- Born: Subur Mugaseth 1911 Calicut
- Died: 10 October 1966 (aged 54–55) New York
- Other name: Subur Parthasarathi
- Occupations: Educator, college administrator
- Spouse: Parthasarathy

= Subur Parthasarathy =

Indian educator and legislator (1911–1966)

Subur Parthasarathy (1911 – 10 October 1966), born Subur Mugaseth, was an Indian educator and legislator. She was the first principal at Ethiraj College for Women, and served in the upper house of the Indian Parliament from 1960 to 1966.

== Early life ==
Subur Mugaseth was born in Calicut, the daughter of Khodadad Mugaseth, into a family prominent in the city's Parsi community.

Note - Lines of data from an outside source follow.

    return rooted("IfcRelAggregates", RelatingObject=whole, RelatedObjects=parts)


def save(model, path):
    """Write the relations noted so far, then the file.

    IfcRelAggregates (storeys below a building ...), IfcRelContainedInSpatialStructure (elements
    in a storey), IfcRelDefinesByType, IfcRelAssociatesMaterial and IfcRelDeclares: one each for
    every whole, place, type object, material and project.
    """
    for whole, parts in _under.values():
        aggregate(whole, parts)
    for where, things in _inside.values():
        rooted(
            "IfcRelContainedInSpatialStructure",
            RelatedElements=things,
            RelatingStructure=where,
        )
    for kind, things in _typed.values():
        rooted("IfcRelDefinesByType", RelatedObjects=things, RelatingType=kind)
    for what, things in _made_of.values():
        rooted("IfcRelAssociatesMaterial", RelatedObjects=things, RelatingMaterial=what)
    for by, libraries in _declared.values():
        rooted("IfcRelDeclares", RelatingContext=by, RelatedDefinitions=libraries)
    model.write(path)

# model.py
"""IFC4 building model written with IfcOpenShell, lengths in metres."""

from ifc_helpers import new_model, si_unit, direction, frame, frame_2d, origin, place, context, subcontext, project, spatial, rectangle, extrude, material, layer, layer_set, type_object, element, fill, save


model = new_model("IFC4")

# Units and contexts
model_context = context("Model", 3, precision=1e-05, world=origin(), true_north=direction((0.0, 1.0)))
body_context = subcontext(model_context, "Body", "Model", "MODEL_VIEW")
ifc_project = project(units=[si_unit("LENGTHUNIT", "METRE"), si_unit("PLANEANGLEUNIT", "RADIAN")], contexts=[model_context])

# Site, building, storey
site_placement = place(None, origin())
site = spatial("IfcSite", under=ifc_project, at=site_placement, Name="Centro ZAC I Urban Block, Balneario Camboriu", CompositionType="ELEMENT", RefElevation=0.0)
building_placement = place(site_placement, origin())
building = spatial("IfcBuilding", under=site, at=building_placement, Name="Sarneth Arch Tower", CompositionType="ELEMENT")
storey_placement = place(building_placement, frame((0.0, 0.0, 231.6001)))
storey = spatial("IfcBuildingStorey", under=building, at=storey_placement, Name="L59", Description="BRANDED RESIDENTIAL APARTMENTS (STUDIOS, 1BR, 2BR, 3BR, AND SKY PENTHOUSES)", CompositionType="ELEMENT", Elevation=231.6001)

Her only brother died in World War II. She attended the University of Madras and University of Oxford, and earned a master's degree in English, and completed a doctorate in 1936.

== Career ==
Parthasarathy taught English at Queen Mary's College in Madras. She was the first principal of Ethiraj College for Women, serving from 1948 to 1952. She was succeeded in the principalship by Mona Hensman. In 1952, she traveled in the United States studying universities and colleges. Parthasarathy was elected to the Rajya Sabha from 1960 to 1966.

== Personal life ==
In 1939, Subur Mugaseth married journalist and diplomat Gopalaswami Parthasarathy, after they met at Oxford. They had a son, Ashok Parthasarathi (1940–2019) who followed his parents into government work and academia. She died from heart and kidney ailments in New York, in 1966, while her husband was representing India at the United Nations.

Actor and playwright Girish Karnad was her niece's husband; and journalist Raghu Karnad is her grand-nephew.